Tuesday, May 7, 2013

About Duchenne Muscular Dystrophy



Duchenne’s muscular dystrophy (DMD) is an inherited muscle wasting disease characterized by progressive muscle weakness. This muscle weakness occurs when an affected child’s muscle tissue is unable to produce a structural protein called dystrophin. Without this vital protein, muscles suffer significant damage and eventually die.

The progression of DMD causes orthopedic complications, respiratory failure, and heart failure. Boys with DMD are diagnosed in early childhood and are confined to a wheelchair by early adolescence. Because there is no cure for DMD, the life expectancy for a diagnosed child is the late twenties.

Although much is known about the cause and effect of DMD, the current treatment options are extremely limited. Daily stretching and glucocorticosteroids are used to delay the progression of the disease. Doctors are also recommending use of blood pressure medications to slow cardiac muscle deterioration. Parents also often seek out alternative therapies to treat some of the issues that occur as the disease progresses. Nutritional supplements, vitamins, and acupuncture are just a few treatments that have been known to help. There are also some corrective forms of treatment that can be used; these include bracing and spinal fusion surgery.

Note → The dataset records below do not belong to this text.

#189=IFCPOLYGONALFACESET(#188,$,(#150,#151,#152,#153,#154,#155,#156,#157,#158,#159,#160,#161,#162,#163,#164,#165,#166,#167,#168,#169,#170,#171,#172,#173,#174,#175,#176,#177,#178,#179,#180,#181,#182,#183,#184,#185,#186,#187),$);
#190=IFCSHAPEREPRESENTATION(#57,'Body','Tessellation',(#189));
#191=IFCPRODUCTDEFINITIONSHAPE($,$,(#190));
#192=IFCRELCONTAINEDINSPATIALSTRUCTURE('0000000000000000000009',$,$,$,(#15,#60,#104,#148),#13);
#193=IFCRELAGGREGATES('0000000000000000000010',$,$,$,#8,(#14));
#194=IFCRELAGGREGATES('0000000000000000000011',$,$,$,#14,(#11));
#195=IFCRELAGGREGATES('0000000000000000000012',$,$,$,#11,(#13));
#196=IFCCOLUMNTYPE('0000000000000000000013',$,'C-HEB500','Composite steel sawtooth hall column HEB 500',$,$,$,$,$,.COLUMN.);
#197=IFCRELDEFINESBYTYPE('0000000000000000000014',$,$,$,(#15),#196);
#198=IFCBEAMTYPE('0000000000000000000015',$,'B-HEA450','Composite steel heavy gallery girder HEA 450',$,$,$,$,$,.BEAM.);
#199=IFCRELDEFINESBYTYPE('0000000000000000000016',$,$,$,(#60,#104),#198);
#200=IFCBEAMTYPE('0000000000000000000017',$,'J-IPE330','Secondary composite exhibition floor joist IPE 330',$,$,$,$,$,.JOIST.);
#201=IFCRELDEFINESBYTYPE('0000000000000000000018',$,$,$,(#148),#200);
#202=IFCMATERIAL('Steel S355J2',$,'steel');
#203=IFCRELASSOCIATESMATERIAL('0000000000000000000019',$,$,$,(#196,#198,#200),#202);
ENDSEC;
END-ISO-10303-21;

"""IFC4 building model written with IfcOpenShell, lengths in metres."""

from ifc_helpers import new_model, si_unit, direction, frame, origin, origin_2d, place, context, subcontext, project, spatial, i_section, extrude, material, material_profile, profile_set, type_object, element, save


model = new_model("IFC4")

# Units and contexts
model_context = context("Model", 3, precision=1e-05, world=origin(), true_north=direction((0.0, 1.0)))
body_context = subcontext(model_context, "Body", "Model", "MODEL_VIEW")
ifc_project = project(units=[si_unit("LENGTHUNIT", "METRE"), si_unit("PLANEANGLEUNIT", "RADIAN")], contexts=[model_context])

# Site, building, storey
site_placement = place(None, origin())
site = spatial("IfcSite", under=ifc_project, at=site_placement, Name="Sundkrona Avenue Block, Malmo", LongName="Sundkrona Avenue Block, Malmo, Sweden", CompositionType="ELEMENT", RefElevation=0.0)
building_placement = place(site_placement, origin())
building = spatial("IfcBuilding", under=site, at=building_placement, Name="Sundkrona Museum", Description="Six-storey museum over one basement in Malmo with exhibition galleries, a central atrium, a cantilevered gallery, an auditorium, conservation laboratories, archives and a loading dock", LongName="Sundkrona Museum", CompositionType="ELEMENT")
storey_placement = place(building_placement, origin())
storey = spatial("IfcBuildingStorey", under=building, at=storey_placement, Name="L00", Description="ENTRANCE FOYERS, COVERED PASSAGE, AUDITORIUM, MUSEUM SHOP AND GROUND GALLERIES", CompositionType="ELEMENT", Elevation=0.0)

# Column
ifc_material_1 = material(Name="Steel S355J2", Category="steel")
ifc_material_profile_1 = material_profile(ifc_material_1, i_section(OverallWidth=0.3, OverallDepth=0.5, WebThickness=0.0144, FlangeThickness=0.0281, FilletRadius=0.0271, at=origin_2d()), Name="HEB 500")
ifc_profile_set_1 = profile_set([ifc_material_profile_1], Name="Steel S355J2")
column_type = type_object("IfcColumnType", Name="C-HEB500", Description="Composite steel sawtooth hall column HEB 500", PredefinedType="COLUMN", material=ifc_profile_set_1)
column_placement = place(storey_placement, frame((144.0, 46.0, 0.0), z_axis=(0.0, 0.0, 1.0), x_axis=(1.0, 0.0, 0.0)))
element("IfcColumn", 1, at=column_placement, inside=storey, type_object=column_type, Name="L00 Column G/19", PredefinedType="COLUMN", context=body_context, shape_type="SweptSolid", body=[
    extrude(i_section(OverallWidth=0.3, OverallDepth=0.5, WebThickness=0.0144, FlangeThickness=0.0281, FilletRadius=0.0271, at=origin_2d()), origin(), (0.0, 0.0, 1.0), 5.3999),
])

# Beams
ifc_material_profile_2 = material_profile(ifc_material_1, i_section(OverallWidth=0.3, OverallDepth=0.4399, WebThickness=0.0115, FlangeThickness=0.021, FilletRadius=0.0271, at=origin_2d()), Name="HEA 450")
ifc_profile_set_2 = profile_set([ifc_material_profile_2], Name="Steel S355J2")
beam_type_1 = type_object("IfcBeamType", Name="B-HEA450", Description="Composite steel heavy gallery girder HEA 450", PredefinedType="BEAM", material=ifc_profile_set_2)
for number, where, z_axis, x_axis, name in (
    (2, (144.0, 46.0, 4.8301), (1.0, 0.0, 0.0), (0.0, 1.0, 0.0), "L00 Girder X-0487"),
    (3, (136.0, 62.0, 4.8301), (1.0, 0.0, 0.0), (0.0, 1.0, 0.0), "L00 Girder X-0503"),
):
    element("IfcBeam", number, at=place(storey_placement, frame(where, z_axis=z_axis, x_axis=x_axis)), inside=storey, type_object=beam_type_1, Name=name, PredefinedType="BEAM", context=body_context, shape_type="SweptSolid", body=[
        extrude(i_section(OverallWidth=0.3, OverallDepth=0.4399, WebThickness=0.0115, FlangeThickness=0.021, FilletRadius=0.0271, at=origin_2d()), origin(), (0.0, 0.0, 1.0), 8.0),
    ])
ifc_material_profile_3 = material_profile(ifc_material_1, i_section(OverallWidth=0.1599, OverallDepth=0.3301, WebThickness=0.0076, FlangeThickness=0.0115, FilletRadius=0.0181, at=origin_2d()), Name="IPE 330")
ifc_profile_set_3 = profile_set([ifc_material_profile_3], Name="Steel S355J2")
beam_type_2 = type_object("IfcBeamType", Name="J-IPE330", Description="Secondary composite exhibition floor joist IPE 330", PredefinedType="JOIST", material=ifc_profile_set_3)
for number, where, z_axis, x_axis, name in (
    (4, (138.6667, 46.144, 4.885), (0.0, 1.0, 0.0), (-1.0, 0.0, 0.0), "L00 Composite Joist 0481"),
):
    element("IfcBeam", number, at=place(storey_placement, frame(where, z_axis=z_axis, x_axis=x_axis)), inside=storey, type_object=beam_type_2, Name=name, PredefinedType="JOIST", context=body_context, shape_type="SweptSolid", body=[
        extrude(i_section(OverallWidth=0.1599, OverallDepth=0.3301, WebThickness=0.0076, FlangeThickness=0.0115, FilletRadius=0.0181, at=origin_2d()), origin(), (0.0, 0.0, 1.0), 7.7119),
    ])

DMD is a fatal disease, but there are many signs of hope. Recent stem cell and gene therapy research studies are showing promise for replacing damaged muscle tissue. The cure is getting closer, but more research is needed and that can only happen with additional financial support. 

The mission of the Romito Foundation is to improve the treatment and quality of life for all persons living with Duchenne’s muscular dystrophy. We will aid current and future medical research and support established non-profit organizations with like interests.